Wuthering moors 6

I am very grateful to Natural England (that’s @NaturalEngland for those of you on Twitter, where you can find me as @MarkAvery) for sending me details of the Walshaw Moor management agreement.  They were clearly eager that I read it, so I have, and so can you here.  What do you think of it? I’d be very keen to hear from experts in upland ecology on the subject.

On the face of it, and since this apparently resolved ‘dispute’ was mostly about burning of blanket bog, the agreement seems to allow an awful lot of burning to go on – just as, I assume, the Estate wanted.  The Estate can burn active blanket bog, wet heath and degraded blanket bog as well as dry heath.

Indeed, one reading of the agreement is that it makes burning of active blanket bog mandatory with 5% of the site having to be rotationally burned each year.  Is that consistent with favourable condition of the habitat?  I would need experts to tell me the answer to that question.

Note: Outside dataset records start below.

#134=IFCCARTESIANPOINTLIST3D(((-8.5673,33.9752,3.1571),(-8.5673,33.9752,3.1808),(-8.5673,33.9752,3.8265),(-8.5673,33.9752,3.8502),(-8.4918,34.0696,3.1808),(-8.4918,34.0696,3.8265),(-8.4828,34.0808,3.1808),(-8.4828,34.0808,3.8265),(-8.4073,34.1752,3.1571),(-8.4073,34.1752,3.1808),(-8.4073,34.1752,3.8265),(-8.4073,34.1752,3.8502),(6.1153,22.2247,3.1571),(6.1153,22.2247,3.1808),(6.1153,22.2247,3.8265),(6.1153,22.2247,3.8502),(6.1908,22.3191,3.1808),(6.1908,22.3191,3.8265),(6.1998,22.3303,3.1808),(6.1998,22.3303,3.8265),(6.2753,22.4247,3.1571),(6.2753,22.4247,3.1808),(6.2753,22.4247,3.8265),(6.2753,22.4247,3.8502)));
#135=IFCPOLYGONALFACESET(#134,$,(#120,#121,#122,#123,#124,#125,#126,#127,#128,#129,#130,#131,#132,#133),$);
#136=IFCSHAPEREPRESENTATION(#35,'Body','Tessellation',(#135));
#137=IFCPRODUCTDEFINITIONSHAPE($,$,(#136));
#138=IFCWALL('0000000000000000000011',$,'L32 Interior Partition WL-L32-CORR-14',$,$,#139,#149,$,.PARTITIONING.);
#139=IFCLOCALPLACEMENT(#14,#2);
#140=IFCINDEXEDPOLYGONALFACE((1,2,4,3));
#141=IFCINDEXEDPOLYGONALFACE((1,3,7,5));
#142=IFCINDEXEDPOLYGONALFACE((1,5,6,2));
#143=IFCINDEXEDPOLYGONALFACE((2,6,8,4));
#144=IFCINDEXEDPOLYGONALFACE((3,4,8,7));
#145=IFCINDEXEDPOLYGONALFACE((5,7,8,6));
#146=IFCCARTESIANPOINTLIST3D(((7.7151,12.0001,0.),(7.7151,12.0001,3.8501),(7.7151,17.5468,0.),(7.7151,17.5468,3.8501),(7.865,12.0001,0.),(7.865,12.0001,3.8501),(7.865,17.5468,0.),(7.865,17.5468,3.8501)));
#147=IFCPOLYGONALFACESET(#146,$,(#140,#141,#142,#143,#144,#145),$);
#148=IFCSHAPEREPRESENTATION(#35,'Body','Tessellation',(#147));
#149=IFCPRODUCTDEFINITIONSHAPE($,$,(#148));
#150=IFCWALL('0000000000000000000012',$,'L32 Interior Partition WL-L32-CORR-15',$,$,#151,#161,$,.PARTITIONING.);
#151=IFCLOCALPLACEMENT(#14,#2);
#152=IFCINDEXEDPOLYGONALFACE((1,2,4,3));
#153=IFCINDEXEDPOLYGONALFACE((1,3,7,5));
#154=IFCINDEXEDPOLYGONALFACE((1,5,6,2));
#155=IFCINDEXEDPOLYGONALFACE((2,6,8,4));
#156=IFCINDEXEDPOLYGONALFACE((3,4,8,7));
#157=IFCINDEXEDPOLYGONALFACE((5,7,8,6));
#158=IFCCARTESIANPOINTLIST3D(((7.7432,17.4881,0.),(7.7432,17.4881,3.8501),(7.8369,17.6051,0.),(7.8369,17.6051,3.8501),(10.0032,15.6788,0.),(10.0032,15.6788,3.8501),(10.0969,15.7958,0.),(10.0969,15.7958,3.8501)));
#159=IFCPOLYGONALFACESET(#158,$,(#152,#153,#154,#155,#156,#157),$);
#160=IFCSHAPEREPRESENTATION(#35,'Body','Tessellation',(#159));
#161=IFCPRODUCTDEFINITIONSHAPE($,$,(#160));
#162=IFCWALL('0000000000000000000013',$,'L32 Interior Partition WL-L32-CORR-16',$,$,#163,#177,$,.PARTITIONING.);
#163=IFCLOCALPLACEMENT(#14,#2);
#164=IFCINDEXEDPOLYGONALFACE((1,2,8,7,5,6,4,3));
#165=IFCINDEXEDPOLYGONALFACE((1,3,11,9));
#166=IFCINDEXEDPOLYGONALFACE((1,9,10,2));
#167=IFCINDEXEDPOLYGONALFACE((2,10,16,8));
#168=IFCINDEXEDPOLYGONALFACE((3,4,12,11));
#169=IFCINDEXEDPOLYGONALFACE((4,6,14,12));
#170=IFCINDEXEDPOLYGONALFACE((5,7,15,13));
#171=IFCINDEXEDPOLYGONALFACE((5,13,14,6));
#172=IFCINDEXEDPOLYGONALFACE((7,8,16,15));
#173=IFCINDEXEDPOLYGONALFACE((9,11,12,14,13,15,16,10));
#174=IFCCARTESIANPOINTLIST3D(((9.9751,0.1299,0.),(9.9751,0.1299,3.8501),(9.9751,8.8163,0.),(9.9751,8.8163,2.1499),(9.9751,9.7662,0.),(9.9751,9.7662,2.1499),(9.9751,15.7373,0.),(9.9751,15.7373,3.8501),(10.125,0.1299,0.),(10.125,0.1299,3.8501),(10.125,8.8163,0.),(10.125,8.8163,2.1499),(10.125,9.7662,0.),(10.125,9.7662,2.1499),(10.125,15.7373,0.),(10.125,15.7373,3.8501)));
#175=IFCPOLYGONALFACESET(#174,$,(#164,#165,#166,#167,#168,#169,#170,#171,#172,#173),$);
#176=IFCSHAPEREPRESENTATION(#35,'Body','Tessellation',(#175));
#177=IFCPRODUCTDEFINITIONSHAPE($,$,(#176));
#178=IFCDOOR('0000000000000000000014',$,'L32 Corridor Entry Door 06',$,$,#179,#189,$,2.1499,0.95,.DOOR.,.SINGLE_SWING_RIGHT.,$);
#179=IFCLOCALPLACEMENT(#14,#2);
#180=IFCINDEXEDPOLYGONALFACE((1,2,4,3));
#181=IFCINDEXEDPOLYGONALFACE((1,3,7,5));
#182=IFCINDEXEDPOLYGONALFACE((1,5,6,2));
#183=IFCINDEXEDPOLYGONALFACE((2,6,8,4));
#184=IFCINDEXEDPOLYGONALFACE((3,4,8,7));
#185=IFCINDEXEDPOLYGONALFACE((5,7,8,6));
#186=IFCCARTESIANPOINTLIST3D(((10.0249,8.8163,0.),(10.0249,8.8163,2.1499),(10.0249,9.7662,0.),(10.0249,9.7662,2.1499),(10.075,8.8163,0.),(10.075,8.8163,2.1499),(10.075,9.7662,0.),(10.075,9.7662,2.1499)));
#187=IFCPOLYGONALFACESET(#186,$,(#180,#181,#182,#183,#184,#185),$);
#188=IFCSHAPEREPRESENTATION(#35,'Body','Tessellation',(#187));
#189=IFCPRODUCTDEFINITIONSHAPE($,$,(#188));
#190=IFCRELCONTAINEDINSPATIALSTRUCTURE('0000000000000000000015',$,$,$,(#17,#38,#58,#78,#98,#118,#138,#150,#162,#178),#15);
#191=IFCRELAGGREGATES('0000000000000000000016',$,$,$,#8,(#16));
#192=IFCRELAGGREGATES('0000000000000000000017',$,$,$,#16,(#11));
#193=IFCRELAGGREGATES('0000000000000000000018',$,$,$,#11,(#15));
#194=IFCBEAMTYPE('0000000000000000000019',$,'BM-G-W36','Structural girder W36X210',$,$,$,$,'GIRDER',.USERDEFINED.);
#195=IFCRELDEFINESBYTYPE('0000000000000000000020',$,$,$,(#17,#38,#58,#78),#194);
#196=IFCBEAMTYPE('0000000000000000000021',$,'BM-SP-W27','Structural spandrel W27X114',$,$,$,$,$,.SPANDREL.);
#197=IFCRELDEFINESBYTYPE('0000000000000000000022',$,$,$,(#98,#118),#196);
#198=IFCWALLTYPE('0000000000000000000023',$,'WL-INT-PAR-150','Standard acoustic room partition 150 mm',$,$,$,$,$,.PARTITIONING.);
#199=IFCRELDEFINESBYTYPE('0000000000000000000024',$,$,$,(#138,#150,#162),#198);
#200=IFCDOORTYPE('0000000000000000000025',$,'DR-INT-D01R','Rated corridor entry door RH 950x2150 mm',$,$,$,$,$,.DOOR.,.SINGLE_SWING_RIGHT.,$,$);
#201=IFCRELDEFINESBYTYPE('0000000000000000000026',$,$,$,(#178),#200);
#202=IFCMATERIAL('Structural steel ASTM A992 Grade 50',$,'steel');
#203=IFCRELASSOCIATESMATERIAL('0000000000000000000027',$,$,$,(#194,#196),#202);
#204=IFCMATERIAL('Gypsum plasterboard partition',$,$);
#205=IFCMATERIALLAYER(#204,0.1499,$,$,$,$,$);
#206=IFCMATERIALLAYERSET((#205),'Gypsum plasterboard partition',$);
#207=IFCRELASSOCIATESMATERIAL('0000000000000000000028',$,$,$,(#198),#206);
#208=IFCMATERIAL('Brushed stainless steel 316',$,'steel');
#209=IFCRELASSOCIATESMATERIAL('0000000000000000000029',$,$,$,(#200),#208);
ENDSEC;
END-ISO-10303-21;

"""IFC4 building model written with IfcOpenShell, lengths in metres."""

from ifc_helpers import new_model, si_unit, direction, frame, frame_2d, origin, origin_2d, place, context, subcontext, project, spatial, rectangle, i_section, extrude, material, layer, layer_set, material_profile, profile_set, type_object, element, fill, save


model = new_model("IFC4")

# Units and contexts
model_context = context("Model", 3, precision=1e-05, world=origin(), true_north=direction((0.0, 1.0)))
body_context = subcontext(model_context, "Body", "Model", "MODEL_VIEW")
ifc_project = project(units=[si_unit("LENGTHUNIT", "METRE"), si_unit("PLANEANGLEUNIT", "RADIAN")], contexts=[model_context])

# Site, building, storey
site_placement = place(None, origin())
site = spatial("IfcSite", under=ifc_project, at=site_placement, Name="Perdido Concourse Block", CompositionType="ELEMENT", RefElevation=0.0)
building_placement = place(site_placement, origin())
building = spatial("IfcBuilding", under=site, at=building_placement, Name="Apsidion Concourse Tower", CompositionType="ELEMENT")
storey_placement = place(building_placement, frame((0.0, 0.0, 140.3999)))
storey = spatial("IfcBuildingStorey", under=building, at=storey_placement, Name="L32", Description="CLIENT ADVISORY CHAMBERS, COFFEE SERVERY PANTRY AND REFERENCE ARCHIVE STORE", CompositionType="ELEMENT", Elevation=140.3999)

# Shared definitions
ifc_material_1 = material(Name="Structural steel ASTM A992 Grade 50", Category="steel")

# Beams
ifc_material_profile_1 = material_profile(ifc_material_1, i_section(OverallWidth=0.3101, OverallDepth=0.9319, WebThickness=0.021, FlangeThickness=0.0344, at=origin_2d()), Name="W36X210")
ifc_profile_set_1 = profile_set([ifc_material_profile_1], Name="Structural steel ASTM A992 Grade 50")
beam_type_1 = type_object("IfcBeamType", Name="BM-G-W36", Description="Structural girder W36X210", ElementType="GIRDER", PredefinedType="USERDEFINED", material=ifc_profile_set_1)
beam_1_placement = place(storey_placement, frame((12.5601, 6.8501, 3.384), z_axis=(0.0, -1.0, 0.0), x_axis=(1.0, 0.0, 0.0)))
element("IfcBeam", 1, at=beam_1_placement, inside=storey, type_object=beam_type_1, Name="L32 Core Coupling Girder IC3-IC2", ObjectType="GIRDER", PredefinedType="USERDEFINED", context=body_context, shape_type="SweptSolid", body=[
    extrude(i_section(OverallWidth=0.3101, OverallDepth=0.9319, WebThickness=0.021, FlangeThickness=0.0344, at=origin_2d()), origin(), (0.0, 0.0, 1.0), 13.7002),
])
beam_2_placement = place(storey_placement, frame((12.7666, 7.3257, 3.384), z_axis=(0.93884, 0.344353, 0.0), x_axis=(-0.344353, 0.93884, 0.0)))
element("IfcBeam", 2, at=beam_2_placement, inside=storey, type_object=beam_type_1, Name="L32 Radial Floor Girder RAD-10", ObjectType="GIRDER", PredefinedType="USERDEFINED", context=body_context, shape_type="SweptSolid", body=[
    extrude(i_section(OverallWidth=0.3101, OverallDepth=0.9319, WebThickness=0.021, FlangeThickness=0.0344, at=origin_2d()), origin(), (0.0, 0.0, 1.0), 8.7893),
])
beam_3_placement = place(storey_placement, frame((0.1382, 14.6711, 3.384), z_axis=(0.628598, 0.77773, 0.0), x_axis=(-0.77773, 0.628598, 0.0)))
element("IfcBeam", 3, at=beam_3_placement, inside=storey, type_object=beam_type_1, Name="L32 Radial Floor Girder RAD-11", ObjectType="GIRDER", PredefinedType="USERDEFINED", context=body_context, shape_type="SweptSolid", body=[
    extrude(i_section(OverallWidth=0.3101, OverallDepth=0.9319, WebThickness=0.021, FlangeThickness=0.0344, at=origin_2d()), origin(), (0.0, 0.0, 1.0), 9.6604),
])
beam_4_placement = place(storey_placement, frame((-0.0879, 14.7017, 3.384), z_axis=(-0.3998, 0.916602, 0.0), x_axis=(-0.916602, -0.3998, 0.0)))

It is unclear to me, but what do I know, that NE has gained anything from reaching this agreement and, more importantly, it is unclear whether the internationally important blanket bog habitat has gained anything through NE reaching this agreement?  I wonder whether the agreement meets all the concerns outlined by NE when they embarked on this case and if it doesn’t why they have reached an agreement?  Was it because they were completely wrong to be worried in the first place or is it because pressure has been applied on them?

And you might want to wonder about it too since you will be paying through your taxes for the HLS agreement that will underpin this management.

I’m still rather puzzled by why NE reached this agreement so i will have to ask them and ask some other questions too.  I think I’ll be writing a few letters at the weekend and asking NE why they were worried about burning of blanket bog on this site and why they now aren’t? And I will write to Defra to ask Richard Benyon whether he had any meetings, telephone calls or paper or electronic correspondence with NE about heather burning, particularly about heather burning at this site, over the last few months.  If there are any people out there who’d like to suggest other questions, or more precise versions of those questions, then I’d be very happy to hear from you.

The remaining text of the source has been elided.